Chapman was part of a scheme devised to make the Germans believe they’d blown up an aircraft factory but the explosion was entirely faked. Chapman also frequently reported back to Germany that their bombs were hitting their central London targets but the bombs were actually missing by miles, causing far less damage than they should have.

I really enjoyed both of these books. Macintyre is an engaging storyteller and I like his subject matter. Don’t you feel like all the heroes of the war should be recognized?

After the war, the British government more or less discarded these people. They deserve a lot more credit than they get. Macintyre does a really good job introducing them and getting the audience to care about them, getting into their natures and characters.

Macintyre has another book called Operation Mincemeat, but I haven’t read it yet. I will add it to my list, as these two books were both so interesting.


The Stalin Epigram

Woohoo, I’m finally reaching 2017 books. That’s actually THIS YEAR. I know it’s almost August. Still, go me.

The first book I read this year was called The Stalin Epigram by Robert Littell.

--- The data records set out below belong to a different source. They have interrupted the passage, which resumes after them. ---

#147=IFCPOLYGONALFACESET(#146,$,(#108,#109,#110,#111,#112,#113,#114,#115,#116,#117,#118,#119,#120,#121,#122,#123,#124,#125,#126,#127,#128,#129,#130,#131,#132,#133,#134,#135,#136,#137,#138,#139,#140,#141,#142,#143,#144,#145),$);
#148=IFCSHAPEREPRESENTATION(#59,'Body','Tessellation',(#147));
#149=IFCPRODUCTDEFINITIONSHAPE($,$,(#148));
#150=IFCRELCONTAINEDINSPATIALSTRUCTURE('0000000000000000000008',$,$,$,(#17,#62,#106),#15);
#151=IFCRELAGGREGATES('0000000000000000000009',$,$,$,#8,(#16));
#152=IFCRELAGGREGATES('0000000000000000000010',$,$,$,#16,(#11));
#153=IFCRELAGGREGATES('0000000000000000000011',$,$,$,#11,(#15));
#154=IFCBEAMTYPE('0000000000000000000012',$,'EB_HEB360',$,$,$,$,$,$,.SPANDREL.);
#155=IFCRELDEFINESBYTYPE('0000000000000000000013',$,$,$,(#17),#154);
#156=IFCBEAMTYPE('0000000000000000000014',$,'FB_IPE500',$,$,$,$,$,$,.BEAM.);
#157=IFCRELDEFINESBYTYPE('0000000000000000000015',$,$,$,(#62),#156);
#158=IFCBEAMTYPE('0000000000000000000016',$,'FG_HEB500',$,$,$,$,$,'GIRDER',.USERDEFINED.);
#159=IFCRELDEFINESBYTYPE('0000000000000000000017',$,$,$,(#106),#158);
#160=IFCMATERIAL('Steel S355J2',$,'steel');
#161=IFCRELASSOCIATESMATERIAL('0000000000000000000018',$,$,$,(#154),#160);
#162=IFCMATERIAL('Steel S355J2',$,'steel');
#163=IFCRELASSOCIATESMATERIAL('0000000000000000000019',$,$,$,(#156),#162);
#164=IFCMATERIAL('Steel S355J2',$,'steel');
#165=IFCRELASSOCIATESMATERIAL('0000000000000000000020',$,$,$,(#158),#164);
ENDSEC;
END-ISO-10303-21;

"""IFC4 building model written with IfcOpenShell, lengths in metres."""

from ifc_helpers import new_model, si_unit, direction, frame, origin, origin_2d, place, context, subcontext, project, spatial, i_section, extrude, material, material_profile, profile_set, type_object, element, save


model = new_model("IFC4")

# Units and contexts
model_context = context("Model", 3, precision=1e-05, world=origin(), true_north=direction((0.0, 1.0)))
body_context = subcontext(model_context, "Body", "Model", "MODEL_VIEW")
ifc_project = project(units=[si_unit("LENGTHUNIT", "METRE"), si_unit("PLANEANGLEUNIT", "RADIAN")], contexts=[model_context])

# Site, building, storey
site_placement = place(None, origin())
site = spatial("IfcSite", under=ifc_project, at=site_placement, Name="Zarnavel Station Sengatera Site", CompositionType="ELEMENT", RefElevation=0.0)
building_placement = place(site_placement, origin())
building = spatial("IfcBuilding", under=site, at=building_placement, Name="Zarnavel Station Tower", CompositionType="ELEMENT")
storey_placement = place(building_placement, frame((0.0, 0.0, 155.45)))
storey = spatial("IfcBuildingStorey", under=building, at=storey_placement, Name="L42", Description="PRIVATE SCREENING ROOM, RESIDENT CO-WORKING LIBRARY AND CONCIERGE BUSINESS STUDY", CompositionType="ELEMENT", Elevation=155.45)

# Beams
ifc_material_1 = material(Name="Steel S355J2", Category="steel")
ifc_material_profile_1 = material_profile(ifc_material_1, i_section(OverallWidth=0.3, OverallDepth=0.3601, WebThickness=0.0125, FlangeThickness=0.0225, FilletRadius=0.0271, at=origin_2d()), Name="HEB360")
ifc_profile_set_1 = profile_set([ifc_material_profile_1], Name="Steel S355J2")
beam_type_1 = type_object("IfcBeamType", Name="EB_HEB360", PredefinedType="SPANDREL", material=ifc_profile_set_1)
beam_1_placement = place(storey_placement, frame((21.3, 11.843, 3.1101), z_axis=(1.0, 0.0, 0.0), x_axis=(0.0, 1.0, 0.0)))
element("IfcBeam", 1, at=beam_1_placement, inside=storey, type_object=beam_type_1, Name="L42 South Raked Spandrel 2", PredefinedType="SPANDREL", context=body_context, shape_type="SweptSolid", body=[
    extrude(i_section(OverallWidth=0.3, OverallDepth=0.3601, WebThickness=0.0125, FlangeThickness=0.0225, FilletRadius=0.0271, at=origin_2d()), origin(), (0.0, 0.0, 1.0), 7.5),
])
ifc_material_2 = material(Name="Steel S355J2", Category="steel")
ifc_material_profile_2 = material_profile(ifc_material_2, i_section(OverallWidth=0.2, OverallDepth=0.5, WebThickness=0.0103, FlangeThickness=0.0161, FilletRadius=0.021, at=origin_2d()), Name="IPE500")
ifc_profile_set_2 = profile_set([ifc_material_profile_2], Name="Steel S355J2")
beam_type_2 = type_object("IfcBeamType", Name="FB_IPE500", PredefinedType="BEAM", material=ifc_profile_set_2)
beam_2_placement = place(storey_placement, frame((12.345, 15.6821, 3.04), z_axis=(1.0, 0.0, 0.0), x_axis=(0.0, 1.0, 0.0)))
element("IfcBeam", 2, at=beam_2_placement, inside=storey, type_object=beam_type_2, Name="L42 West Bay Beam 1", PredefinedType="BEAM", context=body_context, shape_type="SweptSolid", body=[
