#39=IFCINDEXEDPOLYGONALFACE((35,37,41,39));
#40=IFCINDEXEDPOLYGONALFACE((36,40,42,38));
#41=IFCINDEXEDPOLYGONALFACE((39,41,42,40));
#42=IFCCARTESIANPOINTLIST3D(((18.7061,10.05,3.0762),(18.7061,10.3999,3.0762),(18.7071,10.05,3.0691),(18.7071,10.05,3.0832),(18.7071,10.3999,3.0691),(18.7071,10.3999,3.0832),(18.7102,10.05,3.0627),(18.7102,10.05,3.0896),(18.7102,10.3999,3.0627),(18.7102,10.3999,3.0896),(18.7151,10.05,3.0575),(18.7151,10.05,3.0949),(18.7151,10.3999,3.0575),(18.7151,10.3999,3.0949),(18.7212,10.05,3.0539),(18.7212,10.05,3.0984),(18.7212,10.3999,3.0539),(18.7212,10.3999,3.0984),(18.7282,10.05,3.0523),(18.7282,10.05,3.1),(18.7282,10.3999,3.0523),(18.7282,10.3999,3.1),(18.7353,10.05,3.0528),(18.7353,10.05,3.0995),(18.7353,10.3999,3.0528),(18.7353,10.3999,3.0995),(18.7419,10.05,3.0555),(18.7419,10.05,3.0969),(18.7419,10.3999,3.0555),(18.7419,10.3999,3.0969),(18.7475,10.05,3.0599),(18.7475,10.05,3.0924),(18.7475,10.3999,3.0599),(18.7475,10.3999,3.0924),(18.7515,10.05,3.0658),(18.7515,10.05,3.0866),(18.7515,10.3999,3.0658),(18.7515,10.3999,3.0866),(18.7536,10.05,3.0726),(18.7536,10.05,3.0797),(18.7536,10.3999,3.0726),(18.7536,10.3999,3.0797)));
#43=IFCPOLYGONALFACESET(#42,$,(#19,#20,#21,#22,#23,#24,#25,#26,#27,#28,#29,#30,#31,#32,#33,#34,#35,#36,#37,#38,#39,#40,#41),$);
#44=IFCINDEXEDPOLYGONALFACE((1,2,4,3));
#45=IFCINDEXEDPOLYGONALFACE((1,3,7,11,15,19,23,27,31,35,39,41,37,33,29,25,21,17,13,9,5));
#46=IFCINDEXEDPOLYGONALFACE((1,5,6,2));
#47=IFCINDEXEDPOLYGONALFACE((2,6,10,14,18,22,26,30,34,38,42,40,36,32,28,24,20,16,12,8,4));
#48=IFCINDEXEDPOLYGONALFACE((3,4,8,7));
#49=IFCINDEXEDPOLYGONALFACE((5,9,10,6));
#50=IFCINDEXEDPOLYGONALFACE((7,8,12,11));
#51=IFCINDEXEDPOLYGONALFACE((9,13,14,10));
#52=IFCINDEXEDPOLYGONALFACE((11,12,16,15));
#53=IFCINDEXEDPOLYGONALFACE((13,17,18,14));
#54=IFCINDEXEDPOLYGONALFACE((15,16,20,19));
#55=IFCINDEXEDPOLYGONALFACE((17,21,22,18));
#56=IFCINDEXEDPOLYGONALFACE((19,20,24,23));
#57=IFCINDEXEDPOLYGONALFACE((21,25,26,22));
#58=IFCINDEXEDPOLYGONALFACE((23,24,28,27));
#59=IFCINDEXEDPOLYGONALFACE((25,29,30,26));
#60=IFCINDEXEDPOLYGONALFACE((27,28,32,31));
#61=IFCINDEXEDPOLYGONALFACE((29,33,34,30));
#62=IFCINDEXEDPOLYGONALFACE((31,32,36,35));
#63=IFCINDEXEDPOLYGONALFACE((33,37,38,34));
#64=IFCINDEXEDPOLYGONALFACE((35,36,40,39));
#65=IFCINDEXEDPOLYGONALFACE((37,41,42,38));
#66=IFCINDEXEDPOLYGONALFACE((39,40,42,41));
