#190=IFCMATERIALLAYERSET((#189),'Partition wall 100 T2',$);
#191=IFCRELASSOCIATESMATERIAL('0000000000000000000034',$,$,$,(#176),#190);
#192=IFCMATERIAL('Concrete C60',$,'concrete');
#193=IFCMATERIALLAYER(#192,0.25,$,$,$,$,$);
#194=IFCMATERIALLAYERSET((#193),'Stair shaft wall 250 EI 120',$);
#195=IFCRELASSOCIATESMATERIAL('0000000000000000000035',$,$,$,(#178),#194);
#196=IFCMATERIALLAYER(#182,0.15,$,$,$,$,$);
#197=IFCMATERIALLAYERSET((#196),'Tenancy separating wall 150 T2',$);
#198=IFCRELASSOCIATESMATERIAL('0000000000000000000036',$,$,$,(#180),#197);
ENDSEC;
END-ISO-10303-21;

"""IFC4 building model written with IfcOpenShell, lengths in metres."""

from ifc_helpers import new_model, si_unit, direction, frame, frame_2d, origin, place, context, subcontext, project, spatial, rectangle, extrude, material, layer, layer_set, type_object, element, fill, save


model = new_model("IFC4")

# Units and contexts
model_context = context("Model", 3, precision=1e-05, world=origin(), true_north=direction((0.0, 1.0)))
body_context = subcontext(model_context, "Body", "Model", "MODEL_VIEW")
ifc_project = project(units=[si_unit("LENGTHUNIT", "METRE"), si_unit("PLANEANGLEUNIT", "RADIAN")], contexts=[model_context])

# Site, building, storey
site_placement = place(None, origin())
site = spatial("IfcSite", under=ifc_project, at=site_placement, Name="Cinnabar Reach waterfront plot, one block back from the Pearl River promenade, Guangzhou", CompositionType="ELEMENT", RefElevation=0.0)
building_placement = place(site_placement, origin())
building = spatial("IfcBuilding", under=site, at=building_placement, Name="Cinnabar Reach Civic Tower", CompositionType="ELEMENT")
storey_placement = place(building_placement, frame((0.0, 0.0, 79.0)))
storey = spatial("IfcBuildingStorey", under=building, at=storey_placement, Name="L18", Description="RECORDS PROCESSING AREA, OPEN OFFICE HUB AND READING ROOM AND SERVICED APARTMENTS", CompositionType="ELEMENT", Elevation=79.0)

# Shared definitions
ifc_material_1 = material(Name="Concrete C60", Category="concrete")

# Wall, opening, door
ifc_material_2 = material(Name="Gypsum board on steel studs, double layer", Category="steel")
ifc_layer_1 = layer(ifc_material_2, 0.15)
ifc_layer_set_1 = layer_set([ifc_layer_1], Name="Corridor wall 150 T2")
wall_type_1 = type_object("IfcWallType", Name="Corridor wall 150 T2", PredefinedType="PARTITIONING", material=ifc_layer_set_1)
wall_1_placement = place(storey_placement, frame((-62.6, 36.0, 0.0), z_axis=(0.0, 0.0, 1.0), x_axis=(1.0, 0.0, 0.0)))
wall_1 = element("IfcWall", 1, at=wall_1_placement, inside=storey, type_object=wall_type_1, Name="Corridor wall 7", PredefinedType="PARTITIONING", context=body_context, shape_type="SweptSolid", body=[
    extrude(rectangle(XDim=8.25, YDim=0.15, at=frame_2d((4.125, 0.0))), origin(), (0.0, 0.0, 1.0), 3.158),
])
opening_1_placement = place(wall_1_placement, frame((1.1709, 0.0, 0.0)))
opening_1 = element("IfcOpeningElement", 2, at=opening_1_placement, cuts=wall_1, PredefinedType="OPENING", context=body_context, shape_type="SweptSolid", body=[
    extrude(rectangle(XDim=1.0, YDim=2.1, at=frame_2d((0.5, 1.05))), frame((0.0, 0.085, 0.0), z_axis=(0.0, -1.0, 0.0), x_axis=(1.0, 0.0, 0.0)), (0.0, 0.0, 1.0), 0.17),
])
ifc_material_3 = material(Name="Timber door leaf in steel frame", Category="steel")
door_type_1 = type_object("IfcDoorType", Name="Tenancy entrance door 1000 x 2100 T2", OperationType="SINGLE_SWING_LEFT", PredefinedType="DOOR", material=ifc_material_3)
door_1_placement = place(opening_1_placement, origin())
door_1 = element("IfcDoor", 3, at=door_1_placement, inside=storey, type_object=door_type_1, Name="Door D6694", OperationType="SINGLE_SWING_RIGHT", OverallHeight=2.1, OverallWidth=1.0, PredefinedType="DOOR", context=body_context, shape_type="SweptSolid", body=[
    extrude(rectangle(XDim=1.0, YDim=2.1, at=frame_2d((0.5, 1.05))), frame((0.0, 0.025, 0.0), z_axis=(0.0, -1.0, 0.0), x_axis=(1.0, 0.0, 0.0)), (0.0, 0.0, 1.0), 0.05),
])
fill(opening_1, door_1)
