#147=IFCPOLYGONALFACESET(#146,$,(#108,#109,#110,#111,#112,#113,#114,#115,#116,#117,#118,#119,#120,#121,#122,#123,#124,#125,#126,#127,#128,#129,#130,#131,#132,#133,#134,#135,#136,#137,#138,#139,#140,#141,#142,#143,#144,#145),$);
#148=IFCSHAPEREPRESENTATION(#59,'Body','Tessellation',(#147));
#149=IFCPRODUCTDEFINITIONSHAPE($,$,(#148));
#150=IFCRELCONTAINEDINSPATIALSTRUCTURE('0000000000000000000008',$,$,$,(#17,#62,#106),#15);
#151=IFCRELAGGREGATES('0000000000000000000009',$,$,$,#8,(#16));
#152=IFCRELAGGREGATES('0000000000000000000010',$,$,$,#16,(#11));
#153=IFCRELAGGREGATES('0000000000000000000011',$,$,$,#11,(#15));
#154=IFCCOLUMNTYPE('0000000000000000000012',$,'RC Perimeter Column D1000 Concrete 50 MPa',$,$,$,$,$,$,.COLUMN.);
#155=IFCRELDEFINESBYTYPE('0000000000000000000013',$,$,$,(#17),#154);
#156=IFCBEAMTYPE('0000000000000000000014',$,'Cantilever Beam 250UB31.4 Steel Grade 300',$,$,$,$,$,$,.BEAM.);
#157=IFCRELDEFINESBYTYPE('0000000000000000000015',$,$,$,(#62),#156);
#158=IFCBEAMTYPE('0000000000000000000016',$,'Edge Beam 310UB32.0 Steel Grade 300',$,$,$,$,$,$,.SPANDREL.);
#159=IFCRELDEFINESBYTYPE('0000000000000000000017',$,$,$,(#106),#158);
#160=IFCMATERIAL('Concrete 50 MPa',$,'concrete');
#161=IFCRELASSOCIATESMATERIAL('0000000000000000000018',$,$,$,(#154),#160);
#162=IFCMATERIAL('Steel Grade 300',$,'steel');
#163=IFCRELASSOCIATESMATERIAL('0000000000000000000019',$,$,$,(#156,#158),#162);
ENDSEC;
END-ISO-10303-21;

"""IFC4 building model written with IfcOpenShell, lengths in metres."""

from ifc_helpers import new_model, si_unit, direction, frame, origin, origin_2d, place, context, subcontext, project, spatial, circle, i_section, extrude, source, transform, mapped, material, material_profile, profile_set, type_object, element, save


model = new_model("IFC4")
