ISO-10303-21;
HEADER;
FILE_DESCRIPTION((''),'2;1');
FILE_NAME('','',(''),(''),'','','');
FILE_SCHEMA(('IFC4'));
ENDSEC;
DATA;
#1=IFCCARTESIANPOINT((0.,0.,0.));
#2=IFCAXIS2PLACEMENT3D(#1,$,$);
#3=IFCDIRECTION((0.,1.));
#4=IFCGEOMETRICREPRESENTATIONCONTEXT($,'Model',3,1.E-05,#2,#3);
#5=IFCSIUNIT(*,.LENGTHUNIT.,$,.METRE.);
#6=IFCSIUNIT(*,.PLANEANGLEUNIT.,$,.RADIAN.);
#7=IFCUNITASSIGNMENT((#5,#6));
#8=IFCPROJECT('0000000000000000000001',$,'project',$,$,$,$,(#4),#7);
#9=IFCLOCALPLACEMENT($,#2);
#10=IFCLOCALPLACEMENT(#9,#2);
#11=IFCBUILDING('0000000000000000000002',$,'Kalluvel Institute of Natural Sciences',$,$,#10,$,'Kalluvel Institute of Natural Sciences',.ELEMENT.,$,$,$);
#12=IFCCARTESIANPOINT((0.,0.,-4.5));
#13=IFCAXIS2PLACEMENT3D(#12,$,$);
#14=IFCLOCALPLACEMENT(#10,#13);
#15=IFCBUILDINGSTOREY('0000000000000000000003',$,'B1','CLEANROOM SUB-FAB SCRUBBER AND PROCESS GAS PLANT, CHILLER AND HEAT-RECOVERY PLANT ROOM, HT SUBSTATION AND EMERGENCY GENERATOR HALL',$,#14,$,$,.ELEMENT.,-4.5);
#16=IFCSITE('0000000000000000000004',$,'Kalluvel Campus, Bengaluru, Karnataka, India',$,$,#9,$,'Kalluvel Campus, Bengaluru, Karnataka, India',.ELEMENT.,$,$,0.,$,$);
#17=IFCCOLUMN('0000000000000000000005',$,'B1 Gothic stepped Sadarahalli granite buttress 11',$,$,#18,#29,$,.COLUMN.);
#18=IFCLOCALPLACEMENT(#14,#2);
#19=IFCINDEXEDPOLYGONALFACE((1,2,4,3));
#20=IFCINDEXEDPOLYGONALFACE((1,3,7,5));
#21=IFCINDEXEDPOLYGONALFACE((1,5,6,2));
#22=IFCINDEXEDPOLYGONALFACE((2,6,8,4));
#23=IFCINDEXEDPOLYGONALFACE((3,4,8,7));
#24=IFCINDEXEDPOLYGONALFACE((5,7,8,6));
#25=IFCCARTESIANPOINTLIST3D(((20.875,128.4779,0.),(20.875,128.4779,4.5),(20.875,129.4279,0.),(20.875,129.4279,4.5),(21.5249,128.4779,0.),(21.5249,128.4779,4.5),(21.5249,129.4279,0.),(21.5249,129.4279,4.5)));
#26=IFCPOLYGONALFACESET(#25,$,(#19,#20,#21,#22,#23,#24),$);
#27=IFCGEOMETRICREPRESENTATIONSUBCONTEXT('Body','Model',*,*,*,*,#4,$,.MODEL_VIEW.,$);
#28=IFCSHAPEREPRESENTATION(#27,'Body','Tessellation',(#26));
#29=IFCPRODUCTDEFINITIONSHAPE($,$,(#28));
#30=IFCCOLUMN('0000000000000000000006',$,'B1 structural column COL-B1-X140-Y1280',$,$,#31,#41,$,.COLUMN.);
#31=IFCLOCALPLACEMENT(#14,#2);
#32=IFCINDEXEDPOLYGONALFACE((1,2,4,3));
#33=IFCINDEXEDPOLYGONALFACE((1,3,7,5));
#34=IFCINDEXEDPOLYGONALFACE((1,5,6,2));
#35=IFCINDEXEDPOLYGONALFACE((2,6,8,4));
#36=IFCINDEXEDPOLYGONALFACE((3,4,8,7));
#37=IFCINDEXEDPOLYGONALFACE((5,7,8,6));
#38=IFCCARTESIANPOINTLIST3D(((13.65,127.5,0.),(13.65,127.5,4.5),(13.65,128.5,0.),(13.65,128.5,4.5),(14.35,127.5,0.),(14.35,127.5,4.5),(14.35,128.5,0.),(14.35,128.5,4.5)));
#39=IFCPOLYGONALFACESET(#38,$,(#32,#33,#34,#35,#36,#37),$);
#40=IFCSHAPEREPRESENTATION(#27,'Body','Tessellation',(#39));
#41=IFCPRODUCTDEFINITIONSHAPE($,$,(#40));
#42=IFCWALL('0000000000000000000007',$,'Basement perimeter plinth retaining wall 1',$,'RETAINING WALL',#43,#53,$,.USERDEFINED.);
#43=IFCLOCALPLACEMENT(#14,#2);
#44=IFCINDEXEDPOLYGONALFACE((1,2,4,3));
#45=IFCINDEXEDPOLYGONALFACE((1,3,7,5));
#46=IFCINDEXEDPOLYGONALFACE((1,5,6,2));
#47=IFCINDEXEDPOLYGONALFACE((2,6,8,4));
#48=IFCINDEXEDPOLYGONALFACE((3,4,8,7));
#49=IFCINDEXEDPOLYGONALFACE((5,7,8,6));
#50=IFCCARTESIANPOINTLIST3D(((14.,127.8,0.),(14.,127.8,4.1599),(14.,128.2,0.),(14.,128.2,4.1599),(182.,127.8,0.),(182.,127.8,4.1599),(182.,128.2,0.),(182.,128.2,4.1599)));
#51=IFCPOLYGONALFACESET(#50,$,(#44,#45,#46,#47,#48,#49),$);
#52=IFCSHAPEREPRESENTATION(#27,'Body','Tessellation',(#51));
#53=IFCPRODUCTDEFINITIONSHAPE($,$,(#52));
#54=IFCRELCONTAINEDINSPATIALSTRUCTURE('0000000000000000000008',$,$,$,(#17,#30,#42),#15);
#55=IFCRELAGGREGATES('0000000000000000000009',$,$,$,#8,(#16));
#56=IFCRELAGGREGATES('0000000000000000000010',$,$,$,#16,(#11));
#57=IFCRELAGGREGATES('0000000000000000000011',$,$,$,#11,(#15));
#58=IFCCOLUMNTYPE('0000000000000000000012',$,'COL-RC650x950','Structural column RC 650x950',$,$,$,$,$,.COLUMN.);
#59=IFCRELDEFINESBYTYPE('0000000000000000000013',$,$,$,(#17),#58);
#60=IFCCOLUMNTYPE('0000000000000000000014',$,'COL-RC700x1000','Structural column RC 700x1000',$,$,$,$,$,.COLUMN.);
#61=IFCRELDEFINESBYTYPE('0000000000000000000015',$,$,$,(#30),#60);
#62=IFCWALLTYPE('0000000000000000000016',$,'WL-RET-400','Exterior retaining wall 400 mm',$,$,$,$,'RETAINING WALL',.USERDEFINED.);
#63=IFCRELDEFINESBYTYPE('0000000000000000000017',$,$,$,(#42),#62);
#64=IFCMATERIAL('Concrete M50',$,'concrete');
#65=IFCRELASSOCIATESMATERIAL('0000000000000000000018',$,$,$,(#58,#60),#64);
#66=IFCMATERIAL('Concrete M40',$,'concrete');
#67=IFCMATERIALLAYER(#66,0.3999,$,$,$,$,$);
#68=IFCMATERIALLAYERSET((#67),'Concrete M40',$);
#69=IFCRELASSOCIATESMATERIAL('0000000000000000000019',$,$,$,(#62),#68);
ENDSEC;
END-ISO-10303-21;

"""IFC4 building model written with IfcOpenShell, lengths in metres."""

from ifc_helpers import new_model, si_unit, direction, frame, frame_2d, origin, origin_2d, place, context, subcontext, project, spatial, rectangle, extrude, material, layer, layer_set, material_profile, profile_set, type_object, element, save


model = new_model("IFC4")

# Units and contexts
model_context = context("Model", 3, precision=1e-05, world=origin(), true_north=direction((0.0, 1.0)))
body_context = subcontext(model_context, "Body", "Model", "MODEL_VIEW")
ifc_project = project(units=[si_unit("LENGTHUNIT", "METRE"), si_unit("PLANEANGLEUNIT", "RADIAN")], contexts=[model_context])

# Site, building, storey
site_placement = place(None, origin())
site = spatial("IfcSite", under=ifc_project, at=site_placement, Name="Kalluvel Campus, Bengaluru, Karnataka, India", LongName="Kalluvel Campus, Bengaluru, Karnataka, India", CompositionType="ELEMENT", RefElevation=0.0)
building_placement = place(site_placement, origin())
building = spatial("IfcBuilding", under=site, at=building_placement, Name="Kalluvel Institute of Natural Sciences", LongName="Kalluvel Institute of Natural Sciences", CompositionType="ELEMENT")
storey_placement = place(building_placement, frame((0.0, 0.0, -4.5)))
storey = spatial("IfcBuildingStorey", under=building, at=storey_placement, Name="B1", Description="CLEANROOM SUB-FAB SCRUBBER AND PROCESS GAS PLANT, CHILLER AND HEAT-RECOVERY PLANT ROOM, HT SUBSTATION AND EMERGENCY GENERATOR HALL", CompositionType="ELEMENT", Elevation=-4.5)

# Shared definitions
ifc_material_1 = material(Name="Concrete M40", Category="concrete")

# Columns
ifc_material_2 = material(Name="Concrete M50", Category="concrete")
ifc_material_profile_1 = material_profile(ifc_material_2, rectangle(XDim=0.6499, YDim=0.95, at=origin_2d()), Name="RC 650x950")
ifc_profile_set_1 = profile_set([ifc_material_profile_1], Name="Concrete M50")
column_type_1 = type_object("IfcColumnType", Name="COL-RC650x950", Description="Structural column RC 650x950", PredefinedType="COLUMN", material=ifc_profile_set_1)
for number, where, z_axis, x_axis, name in (
    (1, (21.2, 128.9529, 0.0), (0.0, 0.0, 1.0), (1.0, 0.0, 0.0), "B1 Gothic stepped Sadarahalli granite buttress 11"),
):
    element("IfcColumn", number, at=place(storey_placement, frame(where, z_axis=z_axis, x_axis=x_axis)), inside=storey, type_object=column_type_1, Name=name, PredefinedType="COLUMN", context=body_context, shape_type="SweptSolid", body=[
        extrude(rectangle(XDim=0.6499, YDim=0.95, at=origin_2d()), origin(), (0.0, 0.0, 1.0), 4.5),
    ])
ifc_material_profile_2 = material_profile(ifc_material_2, rectangle(XDim=0.7, YDim=1.0, at=origin_2d()), Name="RC 700x1000")
ifc_profile_set_2 = profile_set([ifc_material_profile_2], Name="Concrete M50")
column_type_2 = type_object("IfcColumnType", Name="COL-RC700x1000", Description="Structural column RC 700x1000", PredefinedType="COLUMN", material=ifc_profile_set_2)
column_placement = place(storey_placement, frame((14.0, 128.0, 0.0), z_axis=(0.0, 0.0, 1.0), x_axis=(1.0, 0.0, 0.0)))
element("IfcColumn", 2, at=column_placement, inside=storey, type_object=column_type_2, Name="B1 structural column COL-B1-X140-Y1280", PredefinedType="COLUMN", context=body_context, shape_type="SweptSolid", body=[
    extrude(rectangle(XDim=0.7, YDim=1.0, at=origin_2d()), origin(), (0.0, 0.0, 1.0), 4.5),
])

# Wall
ifc_layer = layer(ifc_material_1, 0.3999)
ifc_layer_set = layer_set([ifc_layer], Name="Concrete M40")
wall_type = type_object("IfcWallType", Name="WL-RET-400", Description="Exterior retaining wall 400 mm", ElementType="RETAINING WALL", PredefinedType="USERDEFINED", material=ifc_layer_set)
wall_placement = place(storey_placement, frame((14.0, 128.0, 0.0), z_axis=(0.0, 0.0, 1.0), x_axis=(1.0, 0.0, 0.0)))
element("IfcWall", 3, at=wall_placement, inside=storey, type_object=wall_type, Name="Basement perimeter plinth retaining wall 1", ObjectType="RETAINING WALL", PredefinedType="USERDEFINED", context=body_context, shape_type="SweptSolid", body=[
    extrude(rectangle(XDim=168.0, YDim=0.3999, at=frame_2d((84.0, 0.0))), origin(), (0.0, 0.0, 1.0), 4.1599),
])

save(model, "model.ifc")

This book wasn’t what I thought it was going to be and for that reason was somewhat disappointing. While it does create an atmosphere of suspense, it really isn’t much of a thriller, which is what I thought I was getting. It’s based on the life of Osip Mandalstam, a widely admired Russian poet, who writes a satirical (and not so satirical) poem about Stalin during the height of Stalin’s power and purges (the 1930s).

Mandalstam writes a forbidden poem, reads it to a bunch of people, gets ratted out to the “Organs” (which is the name for the secret police) and he goes to prison, where he’s tortured, and then into exile with his wife. After he gets out of exile, he’s super jumpy and paranoid and depressed as you would be after being tortured and exiled, so he goes back to Moscow, where he isn’t supposed to go. He is discovered again, sent to a labor camp or a Siberian prison (this time without his wife) and he dies.

I don’t know what the point of this book was beyond telling a fictional account of something that’s well documented. The book is told through several points of view, the main one (to me) being that of Mandalstam’s wife. Other points of view are a weight lifter, one of Stalin’s bodyguards, an actress both Mandalstams are boning (again, more pointless sex writing, ugh), another Russian poet or two (both friends of Mandalstam) and maybe a few others.

The writing was fine, and the characters were interesting and varied, but nobody seemed to really do anything. Like I said, there was no point. The author, I think, has put some pretty serious research into Mandalstam, which is why I thought we were going to get more spy story paranoia and not just “Hey this is what happened.” I think Littell might have actually visited Mrs. Mandalstam in the 1970s before her death to accomplish some of this research, and included his thoughts on the conversations and what they were like after the novel was finished, but again, I’m not sure of the point.

I skimmed a lot of this book, which I guess is why I can’t remember much and entirely missed the point. Like my previous read, this wasn’t great. It was okay. But the font was much smaller, and it was at least 100 pages longer. It took me three months to finish and I put it down for extended periods.

Overall, I wouldn’t recommend it. It doesn’t seem to really know what it wants to be. If you do choose to read it, you won’t regret wasting your life. It’s not that bad. You may, however, find it to be generally disappointing.